But it isnt the correct value, I get a gray out of this. I wanted a half-transparent white.
There’s no such thing as “half-transparent white”. Colors don’t come with a transparency value.
If you have a non-premultiplied RGBA vector of (1, 1, 1, 0.5), the actual color of this is (0.5, 0.5, 0.5). That is, this is what you would see.
Similarly, while your blend function for “(1, 1, 1, .5) over (1, 0, 0, .5)” gives you “(1, .67, .67, .75)” back, the actual color is (1, 0.5, 0.5). Which is what you get if you do a straight linear interpolation between the source and destination based on the source alpha.
The reason OpenGL doesn’t support what you’re trying to do in it’s blending stage is because OpenGL is designed primarily for rendering colors. Not for rendering transparency. The way you normally deal with transparency is as follows.

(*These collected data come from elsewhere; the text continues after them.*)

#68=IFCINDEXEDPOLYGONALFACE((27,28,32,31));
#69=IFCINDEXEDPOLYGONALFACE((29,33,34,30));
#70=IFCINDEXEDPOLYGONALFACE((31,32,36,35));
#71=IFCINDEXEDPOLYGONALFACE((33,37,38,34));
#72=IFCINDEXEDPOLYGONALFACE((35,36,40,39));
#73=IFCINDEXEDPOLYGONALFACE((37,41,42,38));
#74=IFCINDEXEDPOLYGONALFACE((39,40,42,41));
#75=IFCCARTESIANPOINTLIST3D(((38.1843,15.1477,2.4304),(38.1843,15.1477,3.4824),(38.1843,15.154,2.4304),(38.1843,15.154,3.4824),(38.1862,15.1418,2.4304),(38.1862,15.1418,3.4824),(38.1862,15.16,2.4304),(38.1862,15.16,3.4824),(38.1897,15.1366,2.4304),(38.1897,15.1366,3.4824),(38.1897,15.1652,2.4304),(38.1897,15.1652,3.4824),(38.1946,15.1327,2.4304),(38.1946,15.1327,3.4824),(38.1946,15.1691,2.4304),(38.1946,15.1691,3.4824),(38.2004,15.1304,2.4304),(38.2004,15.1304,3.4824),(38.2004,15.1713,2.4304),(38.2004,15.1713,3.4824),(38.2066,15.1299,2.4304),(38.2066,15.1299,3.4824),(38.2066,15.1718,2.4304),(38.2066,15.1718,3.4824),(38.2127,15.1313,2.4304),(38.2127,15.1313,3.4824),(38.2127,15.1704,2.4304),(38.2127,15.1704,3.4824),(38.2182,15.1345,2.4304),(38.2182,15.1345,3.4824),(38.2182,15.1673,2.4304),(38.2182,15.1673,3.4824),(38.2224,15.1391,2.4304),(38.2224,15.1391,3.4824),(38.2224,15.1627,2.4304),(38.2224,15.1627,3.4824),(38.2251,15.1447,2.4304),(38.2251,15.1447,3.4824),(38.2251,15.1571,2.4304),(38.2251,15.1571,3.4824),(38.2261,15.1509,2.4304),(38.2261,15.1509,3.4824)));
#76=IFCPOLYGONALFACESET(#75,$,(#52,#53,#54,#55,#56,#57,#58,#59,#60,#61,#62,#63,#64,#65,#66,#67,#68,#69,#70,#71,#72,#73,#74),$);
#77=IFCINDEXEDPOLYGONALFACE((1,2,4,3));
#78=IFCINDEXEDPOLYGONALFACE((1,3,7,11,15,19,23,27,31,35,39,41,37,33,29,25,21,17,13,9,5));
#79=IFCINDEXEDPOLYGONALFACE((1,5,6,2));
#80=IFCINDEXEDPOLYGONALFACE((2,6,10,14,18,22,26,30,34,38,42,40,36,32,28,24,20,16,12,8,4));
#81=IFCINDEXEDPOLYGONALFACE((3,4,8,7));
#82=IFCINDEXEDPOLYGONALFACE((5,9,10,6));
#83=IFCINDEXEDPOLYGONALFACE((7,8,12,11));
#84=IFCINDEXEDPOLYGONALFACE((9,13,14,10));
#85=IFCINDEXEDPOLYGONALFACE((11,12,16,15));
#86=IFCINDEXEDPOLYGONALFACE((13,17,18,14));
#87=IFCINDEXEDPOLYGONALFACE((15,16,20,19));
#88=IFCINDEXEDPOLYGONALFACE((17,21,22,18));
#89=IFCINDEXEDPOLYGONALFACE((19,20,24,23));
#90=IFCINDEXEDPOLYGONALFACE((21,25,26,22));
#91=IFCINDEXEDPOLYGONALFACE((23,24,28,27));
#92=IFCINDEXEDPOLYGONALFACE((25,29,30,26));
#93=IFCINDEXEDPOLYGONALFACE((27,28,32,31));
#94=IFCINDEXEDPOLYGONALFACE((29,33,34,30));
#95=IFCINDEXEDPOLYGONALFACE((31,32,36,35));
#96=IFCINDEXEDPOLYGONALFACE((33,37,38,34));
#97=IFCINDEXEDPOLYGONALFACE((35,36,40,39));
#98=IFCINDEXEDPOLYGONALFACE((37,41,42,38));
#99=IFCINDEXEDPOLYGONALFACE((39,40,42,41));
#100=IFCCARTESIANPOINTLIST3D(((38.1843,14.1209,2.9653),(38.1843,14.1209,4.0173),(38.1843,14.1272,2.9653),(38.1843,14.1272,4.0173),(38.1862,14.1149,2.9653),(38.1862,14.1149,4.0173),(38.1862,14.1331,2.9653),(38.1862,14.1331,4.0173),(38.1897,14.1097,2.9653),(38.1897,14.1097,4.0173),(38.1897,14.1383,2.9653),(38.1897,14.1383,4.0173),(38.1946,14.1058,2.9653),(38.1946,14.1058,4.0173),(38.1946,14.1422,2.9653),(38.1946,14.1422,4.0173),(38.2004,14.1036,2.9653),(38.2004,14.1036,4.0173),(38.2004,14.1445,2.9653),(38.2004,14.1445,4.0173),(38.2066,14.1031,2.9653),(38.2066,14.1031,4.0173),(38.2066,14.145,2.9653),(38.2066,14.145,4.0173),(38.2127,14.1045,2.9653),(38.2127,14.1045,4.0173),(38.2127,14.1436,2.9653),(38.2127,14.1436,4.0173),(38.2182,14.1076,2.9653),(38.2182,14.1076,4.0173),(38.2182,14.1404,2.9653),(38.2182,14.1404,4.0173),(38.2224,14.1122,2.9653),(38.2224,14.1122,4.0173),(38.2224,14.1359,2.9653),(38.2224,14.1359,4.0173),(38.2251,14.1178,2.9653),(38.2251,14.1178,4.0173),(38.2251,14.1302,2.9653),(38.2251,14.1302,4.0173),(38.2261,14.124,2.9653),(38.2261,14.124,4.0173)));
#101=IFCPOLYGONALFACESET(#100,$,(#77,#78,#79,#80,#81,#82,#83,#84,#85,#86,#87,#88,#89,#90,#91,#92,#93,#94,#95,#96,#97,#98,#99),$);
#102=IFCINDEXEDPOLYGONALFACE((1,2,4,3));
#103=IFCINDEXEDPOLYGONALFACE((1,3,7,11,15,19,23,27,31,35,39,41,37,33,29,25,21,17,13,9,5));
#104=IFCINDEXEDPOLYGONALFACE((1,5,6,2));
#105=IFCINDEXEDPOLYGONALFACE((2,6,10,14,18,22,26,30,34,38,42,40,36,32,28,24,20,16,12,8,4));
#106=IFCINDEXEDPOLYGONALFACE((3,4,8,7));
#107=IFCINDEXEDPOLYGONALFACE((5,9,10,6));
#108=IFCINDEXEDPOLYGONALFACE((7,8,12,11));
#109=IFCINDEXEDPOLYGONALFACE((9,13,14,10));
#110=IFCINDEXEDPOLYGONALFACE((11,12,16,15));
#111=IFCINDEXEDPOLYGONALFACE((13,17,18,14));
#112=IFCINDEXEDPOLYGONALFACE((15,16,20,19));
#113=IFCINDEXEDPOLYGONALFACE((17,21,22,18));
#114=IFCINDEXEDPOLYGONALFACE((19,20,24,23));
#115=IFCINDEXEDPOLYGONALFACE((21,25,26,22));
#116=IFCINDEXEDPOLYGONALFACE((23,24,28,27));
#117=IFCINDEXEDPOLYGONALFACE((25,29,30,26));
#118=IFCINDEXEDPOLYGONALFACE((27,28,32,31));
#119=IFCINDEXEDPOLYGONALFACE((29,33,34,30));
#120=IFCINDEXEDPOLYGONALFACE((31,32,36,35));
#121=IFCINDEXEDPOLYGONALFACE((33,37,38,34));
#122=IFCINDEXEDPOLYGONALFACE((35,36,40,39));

First, you clear the screen. Then you render everything that is opaque. After that, you render all transparent objects in order from farthest from the camera to nearest.
Therefore, the destination color in a blending operation, the “under” as you keep calling it, will refer to either the background color (the one you cleared the screen to), an opaque color, or the composite between the background or opaque opaque colors and some number of previously-rendered transparent colors.
The destination alpha doesn’t mean anything. It doesn’t get factored into the blend equation. This is why a linear interpolation based on the source (“over”) alpha works.
If the destination color is the background color, then it’s effectively the same as if its opaque. There’s nothing “behind” the background to see, so there’s no value there to have blended with.
If the destination color is an opaque color, then the original alpha for this rendering was 1.0. So the “under.a” is 1.0, which doesn’t affect the equation. Linear interpolation gets you a proper color.
If the destination was a composite of an opaque/background color and some number of layered colors, it still doesn’t matter. Because the composite of all of these layers is still fully opaque, and therefore has an effective alpha of 1.0.
To put it another way, you don’t blend two transparent objects together. You’re always blending a transparent object with an opaque object.